Of great significance was the development of air power, and in this the Allies were able to gain serious tactical advantage over the Axis for the first time. Although the Germans had developed the notion of army-air co-operation, demonstrating it with devastating effect during the blitzkriegs of 1939 and 1940, they had never expanded these ideas further. Mary Coningham, along with his small staff at the Desert Air Force and ably supported by Air Marshal Tedder, soon caught up and then overtook the Luftwaffe. The Luftwaffe never had the system of support that the Desert Air Force established – and for this Tommy Elmhirst deserves his place in history too. Moreover, the Luftwaffe did not share the same culture as the Allied air forces, where personal scores counted for little against the combined effort of the squadron, wing, group, and even air command. The Germans were held back by their tendency to idolize their aces and Experten. Nor did the Germans ever adopt the policy of close co-operation as endorsed firstly by Mary and Monty and then by Mary and Alex. It was a system, however, that would be used by Britain and America alike until the end of the war and beyond, whenever there was a land battle to be won. Aircraft would also be specially developed for ground support. North Africa had shown that the feared Stuka was now almost as obsolete as the Hurricane. What was needed was a fast, powerful, and strong air-to-ground fighter plane. This would be the Hawker Typhoon, originally designed to replace the Hurricane as an air-to-air fighter but later modified. At Falaise, a year later, this aircraft almost single-handedly finished off the German forces in Normandy, its rockets, cannon, and machine guns causing a holocaust as the encircled enemy tried to make their escape.In America, the tactical air doctrine was officially endorsed on 21 July 1943, when the US War Department Field Manual was significantly altered with regard to the use of air power. This was, said Colonel Momyer, commander of the 33rd Fighter Group in Tunisia and later an air force general, ‘the emancipation proclamation’ of tactical air power.1 A key player in securing this change was Larry Kuter, who returned to Washington soon after the end in North Africa and ensured that the work of NATAF impacted heavily on the way Americans viewed future warfare. A sign of any good tactical development is its longevity: the principles established by Mary et al. are still used to this day.

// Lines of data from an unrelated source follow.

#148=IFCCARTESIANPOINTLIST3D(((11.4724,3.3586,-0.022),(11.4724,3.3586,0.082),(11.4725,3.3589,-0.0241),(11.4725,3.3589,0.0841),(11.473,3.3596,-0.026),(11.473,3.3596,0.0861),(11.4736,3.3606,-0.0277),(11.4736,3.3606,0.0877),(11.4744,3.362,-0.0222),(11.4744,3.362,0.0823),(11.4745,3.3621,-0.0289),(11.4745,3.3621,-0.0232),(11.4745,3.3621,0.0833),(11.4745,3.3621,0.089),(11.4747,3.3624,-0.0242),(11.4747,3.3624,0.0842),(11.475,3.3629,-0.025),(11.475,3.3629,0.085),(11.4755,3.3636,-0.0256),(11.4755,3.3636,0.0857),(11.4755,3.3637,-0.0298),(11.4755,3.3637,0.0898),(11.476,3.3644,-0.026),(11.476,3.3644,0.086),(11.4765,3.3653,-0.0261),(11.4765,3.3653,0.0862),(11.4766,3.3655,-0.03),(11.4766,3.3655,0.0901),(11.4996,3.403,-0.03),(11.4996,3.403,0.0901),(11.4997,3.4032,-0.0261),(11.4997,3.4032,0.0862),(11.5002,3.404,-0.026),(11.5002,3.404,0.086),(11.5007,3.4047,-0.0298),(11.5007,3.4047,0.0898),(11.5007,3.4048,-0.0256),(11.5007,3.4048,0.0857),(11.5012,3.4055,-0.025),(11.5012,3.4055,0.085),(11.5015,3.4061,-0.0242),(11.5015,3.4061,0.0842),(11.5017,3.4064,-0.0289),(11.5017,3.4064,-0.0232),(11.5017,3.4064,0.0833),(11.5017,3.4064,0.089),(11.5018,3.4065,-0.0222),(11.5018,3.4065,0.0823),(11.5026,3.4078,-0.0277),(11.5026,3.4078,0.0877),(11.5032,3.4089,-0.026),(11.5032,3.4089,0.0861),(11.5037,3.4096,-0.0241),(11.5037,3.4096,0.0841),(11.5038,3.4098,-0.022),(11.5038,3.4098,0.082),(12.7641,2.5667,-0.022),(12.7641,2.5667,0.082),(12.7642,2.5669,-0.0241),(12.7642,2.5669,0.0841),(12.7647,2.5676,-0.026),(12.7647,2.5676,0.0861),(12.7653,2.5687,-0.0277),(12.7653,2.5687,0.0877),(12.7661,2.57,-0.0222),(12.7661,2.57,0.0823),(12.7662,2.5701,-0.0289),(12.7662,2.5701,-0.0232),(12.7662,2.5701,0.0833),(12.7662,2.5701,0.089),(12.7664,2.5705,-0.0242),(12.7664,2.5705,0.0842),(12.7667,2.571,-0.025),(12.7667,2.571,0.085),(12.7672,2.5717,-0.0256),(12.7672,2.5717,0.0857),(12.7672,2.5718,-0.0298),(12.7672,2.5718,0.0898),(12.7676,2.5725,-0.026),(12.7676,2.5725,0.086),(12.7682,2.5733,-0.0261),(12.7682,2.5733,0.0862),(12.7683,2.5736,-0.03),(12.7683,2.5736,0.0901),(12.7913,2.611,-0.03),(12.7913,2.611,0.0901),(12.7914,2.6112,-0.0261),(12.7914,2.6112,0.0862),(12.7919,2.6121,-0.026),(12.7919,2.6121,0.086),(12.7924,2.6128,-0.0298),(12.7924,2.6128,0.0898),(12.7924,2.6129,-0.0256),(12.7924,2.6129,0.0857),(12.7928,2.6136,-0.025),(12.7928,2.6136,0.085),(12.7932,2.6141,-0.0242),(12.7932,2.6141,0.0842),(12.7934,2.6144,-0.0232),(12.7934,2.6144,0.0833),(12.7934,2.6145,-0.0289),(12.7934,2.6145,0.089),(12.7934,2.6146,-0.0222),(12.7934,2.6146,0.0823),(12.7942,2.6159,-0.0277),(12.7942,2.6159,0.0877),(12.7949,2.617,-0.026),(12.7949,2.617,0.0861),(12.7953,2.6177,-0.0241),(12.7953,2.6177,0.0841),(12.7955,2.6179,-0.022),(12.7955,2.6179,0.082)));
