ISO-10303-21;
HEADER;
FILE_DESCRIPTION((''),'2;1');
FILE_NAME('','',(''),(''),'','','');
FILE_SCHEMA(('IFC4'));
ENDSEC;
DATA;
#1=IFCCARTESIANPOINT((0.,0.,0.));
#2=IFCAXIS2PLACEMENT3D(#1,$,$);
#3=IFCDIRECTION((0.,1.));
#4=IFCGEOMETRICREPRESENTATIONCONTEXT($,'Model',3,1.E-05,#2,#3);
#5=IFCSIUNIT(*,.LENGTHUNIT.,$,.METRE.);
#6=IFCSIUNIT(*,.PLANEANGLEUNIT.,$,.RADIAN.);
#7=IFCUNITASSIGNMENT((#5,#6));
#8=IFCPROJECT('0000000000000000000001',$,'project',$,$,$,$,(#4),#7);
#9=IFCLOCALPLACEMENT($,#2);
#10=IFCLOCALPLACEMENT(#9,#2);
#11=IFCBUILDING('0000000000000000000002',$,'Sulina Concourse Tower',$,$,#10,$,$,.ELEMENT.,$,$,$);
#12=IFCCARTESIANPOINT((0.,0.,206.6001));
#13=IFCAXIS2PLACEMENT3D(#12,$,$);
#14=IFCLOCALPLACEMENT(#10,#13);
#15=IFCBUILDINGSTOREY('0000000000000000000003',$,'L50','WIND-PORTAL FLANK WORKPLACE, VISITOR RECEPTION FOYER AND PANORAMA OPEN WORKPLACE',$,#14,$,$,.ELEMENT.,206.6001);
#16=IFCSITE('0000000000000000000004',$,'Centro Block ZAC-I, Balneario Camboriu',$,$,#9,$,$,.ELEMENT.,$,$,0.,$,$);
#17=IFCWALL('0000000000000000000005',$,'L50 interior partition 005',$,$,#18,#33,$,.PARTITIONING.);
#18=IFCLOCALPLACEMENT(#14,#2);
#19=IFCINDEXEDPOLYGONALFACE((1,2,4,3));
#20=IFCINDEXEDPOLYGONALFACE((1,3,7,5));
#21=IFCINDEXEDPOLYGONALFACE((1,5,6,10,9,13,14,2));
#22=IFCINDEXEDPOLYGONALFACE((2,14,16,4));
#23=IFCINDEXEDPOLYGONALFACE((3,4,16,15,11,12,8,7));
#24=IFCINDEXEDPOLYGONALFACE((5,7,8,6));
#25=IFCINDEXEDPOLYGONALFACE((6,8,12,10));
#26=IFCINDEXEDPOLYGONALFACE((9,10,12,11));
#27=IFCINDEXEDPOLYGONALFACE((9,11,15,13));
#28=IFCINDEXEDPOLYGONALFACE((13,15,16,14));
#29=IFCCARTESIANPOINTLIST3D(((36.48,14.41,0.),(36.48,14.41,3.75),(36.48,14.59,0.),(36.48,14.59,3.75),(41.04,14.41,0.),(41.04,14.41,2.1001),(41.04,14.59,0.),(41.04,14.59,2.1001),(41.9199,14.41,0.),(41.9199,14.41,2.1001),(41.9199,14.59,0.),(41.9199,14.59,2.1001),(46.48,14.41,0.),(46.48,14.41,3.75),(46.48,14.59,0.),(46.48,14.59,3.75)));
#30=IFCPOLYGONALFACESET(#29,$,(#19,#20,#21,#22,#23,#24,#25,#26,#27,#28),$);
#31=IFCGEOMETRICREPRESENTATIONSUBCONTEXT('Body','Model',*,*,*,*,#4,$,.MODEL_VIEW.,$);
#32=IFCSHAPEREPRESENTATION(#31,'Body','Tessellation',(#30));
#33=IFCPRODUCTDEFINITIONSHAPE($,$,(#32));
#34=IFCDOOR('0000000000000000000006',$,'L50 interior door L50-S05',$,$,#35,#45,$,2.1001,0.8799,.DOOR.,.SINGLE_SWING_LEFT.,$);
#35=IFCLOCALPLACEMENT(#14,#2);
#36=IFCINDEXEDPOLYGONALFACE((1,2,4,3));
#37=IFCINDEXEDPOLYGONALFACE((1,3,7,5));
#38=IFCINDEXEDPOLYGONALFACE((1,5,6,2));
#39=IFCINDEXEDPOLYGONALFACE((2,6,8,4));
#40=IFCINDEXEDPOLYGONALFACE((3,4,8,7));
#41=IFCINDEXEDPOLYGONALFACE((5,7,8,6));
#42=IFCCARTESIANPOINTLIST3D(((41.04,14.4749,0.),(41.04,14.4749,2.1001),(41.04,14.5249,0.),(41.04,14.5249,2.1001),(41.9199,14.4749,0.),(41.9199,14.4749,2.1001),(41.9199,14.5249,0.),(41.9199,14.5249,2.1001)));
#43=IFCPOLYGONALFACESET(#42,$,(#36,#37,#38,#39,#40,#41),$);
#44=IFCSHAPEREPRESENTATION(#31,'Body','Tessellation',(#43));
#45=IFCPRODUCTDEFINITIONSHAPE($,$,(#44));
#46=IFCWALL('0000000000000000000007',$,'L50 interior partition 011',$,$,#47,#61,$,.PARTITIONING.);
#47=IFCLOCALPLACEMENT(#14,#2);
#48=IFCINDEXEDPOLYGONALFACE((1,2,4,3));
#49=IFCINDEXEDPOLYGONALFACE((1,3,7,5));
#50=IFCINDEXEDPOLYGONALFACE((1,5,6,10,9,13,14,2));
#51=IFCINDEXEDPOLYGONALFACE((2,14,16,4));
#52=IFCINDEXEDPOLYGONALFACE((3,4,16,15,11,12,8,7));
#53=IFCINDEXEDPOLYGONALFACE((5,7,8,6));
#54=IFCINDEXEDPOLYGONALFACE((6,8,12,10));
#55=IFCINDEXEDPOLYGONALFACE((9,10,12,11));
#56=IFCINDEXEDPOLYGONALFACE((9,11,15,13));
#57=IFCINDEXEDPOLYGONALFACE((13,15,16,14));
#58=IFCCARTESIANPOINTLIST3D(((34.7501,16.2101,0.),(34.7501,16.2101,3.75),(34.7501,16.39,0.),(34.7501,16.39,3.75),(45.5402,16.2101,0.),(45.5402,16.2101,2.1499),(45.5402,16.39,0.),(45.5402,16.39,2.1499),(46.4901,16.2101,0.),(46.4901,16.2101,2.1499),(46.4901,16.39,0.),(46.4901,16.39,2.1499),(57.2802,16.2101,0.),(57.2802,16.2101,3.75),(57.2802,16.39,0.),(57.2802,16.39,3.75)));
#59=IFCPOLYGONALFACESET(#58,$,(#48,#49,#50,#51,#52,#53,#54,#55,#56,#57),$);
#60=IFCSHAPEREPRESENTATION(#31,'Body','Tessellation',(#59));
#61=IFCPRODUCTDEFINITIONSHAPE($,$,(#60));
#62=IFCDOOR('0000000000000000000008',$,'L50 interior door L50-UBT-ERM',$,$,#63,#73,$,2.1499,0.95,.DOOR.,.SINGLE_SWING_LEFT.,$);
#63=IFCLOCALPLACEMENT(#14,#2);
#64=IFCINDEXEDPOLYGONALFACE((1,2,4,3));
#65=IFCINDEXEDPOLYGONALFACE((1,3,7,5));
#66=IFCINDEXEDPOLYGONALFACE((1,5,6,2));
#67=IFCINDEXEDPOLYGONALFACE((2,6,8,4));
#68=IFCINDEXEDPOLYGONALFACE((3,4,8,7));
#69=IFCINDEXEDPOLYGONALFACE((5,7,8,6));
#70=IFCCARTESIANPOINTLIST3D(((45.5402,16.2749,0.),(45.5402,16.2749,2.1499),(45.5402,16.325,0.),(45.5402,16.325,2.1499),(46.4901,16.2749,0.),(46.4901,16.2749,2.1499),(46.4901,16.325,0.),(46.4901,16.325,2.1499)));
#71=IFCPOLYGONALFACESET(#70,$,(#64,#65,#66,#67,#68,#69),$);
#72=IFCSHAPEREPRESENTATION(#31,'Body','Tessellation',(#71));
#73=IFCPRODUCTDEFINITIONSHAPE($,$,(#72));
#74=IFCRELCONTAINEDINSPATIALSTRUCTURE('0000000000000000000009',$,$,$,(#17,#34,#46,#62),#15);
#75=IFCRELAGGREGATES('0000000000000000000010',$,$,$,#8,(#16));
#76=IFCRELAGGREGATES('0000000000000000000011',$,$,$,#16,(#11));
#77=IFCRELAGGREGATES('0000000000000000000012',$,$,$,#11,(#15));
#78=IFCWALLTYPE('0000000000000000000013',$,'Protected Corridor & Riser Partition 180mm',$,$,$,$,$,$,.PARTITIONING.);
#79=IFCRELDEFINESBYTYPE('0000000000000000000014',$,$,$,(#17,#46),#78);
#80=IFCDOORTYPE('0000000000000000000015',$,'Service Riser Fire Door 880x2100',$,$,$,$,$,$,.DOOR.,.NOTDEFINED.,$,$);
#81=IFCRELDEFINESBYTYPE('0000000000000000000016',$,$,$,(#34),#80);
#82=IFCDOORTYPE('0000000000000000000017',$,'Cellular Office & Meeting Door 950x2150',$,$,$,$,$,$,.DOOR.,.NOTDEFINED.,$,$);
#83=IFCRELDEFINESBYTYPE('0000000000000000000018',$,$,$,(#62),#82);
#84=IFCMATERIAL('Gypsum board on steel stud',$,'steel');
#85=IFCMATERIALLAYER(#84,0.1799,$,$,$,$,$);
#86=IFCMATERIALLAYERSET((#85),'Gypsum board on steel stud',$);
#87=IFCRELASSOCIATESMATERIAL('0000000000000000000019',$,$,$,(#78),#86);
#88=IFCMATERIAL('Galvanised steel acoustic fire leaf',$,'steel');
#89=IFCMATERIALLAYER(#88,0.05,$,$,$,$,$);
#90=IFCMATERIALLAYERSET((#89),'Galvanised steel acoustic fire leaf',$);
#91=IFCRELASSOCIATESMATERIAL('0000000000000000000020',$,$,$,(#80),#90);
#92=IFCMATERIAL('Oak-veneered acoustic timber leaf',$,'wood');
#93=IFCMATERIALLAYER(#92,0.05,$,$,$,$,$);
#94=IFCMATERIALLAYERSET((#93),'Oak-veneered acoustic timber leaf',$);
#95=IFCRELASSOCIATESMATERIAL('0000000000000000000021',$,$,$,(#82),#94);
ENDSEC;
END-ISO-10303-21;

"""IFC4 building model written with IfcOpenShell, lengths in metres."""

from ifc_helpers import new_model, si_unit, direction, frame, frame_2d, origin, place, context, subcontext, project, spatial, rectangle, extrude, material, layer, layer_set, type_object, element, fill, save


model = new_model("IFC4")

# Units and contexts
model_context = context("Model", 3, precision=1e-05, world=origin(), true_north=direction((0.0, 1.0)))
body_context = subcontext(model_context, "Body", "Model", "MODEL_VIEW")
ifc_project = project(units=[si_unit("LENGTHUNIT", "METRE"), si_unit("PLANEANGLEUNIT", "RADIAN")], contexts=[model_context])

# Site, building, storey
site_placement = place(None, origin())
site = spatial("IfcSite", under=ifc_project, at=site_placement, Name="Centro Block ZAC-I, Balneario Camboriu", CompositionType="ELEMENT", RefElevation=0.0)
building_placement = place(site_placement, origin())
building = spatial("IfcBuilding", under=site, at=building_placement, Name="Sulina Concourse Tower", CompositionType="ELEMENT")
storey_placement = place(building_placement, frame((0.0, 0.0, 206.6001)))
storey = spatial("IfcBuildingStorey", under=building, at=storey_placement, Name="L50", Description="WIND-PORTAL FLANK WORKPLACE, VISITOR RECEPTION FOYER AND PANORAMA OPEN WORKPLACE", CompositionType="ELEMENT", Elevation=206.6001)

# Walls, openings, doors
ifc_material_1 = material(Name="Gypsum board on steel stud", Category="steel")
ifc_layer_1 = layer(ifc_material_1, 0.1799)
ifc_layer_set_1 = layer_set([ifc_layer_1], Name="Gypsum board on steel stud")
wall_type_1 = type_object("IfcWallType", Name="Protected Corridor & Riser Partition 180mm", PredefinedType="PARTITIONING", material=ifc_layer_set_1)
wall_1_placement = place(storey_placement, frame((36.48, 14.5, 0.0), z_axis=(0.0, 0.0, 1.0), x_axis=(1.0, 0.0, 0.0)))
wall_1 = element("IfcWall", 1, at=wall_1_placement, inside=storey, type_object=wall_type_1, Name="L50 interior partition 005", PredefinedType="PARTITIONING", context=body_context, shape_type="SweptSolid", body=[
    extrude(rectangle(XDim=10.0, YDim=0.1799, at=frame_2d((5.0, 0.0))), origin(), (0.0, 0.0, 1.0), 3.75),
])
opening_1_placement = place(wall_1_placement, frame((4.5601, 0.0, 0.0)))
opening_1 = element("IfcOpeningElement", 2, at=opening_1_placement, cuts=wall_1, PredefinedType="OPENING", context=body_context, shape_type="SweptSolid", body=[
    extrude(rectangle(XDim=0.8799, YDim=2.1001, at=frame_2d((0.4399, 1.05))), frame((0.0, 0.0999, 0.0), z_axis=(0.0, -1.0, 0.0), x_axis=(1.0, 0.0, 0.0)), (0.0, 0.0, 1.0), 0.2),
])
ifc_material_2 = material(Name="Galvanised steel acoustic fire leaf", Category="steel")
ifc_layer_2 = layer(ifc_material_2, 0.05)
ifc_layer_set_2 = layer_set([ifc_layer_2], Name="Galvanised steel acoustic fire leaf")
door_type_1 = type_object("IfcDoorType", Name="Service Riser Fire Door 880x2100", OperationType="NOTDEFINED", PredefinedType="DOOR", material=ifc_layer_set_2)
door_1_placement = place(opening_1_placement, origin())
door_1 = element("IfcDoor", 3, at=door_1_placement, inside=storey, type_object=door_type_1, Name="L50 interior door L50-S05", OperationType="SINGLE_SWING_LEFT", OverallHeight=2.1001, OverallWidth=0.8799, PredefinedType="DOOR", context=body_context, shape_type="SweptSolid", body=[
    extrude(rectangle(XDim=0.8799, YDim=2.1001, at=frame_2d((0.4399, 1.05))), frame((0.0, 0.0249, 0.0), z_axis=(0.0, -1.0, 0.0), x_axis=(1.0, 0.0, 0.0)), (0.0, 0.0, 1.0), 0.05),
])
fill(opening_1, door_1)
wall_2_placement = place(storey_placement, frame((34.75, 16.3, 0.0), z_axis=(0.0, 0.0, 1.0), x_axis=(1.0, 0.0, 0.0)))
wall_2 = element("IfcWall", 4, at=wall_2_placement, inside=storey, type_object=wall_type_1, Name="L50 interior partition 011", PredefinedType="PARTITIONING", context=body_context, shape_type="SweptSolid", body=[
    extrude(rectangle(XDim=22.53, YDim=0.1799, at=frame_2d((11.2651, 0.0))), origin(), (0.0, 0.0, 1.0), 3.75),
])
opening_2_placement = place(wall_2_placement, frame((10.79, 0.0, 0.0)))
opening_2 = element("IfcOpeningElement", 5, at=opening_2_placement, cuts=wall_2, PredefinedType="OPENING", context=body_context, shape_type="SweptSolid", body=[
    extrude(rectangle(XDim=0.95, YDim=2.1499, at=frame_2d((0.4751, 1.075))), frame((0.0, 0.0999, 0.0), z_axis=(0.0, -1.0, 0.0), x_axis=(1.0, 0.0, 0.0)), (0.0, 0.0, 1.0), 0.2),
])
ifc_material_3 = material(Name="Oak-veneered acoustic timber leaf", Category="wood")
ifc_layer_3 = layer(ifc_material_3, 0.05)
ifc_layer_set_3 = layer_set([ifc_layer_3], Name="Oak-veneered acoustic timber leaf")
door_type_2 = type_object("IfcDoorType", Name="Cellular Office & Meeting Door 950x2150", OperationType="NOTDEFINED", PredefinedType="DOOR", material=ifc_layer_set_3)
door_2_placement = place(opening_2_placement, origin())
door_2 = element("IfcDoor", 6, at=door_2_placement, inside=storey, type_object=door_type_2, Name="L50 interior door L50-UBT-ERM", OperationType="SINGLE_SWING_LEFT", OverallHeight=2.1499, OverallWidth=0.95, PredefinedType="DOOR", context=body_context, shape_type="SweptSolid", body=[
    extrude(rectangle(XDim=0.95, YDim=2.1499, at=frame_2d((0.4751, 1.075))), frame((0.0, 0.0249, 0.0), z_axis=(0.0, -1.0, 0.0), x_axis=(1.0, 0.0, 0.0)), (0.0, 0.0, 1.0), 0.05),
])
fill(opening_2, door_2)

save(model, "model.ifc")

British pride had been restored by victory in North Africa, and victory had given the Americans much-needed confidence and, crucially, experience. It also heralded the end of the German-Italian partnership. Italy soldiered on, but with the loss of Africa, the writing was on the wall, as Hitler had known it would be. In July the Allies invaded Sicily, and again they were victorious. On 3 September, Italy surrendered. From then, the war in Europe was against Nazi Germany alone.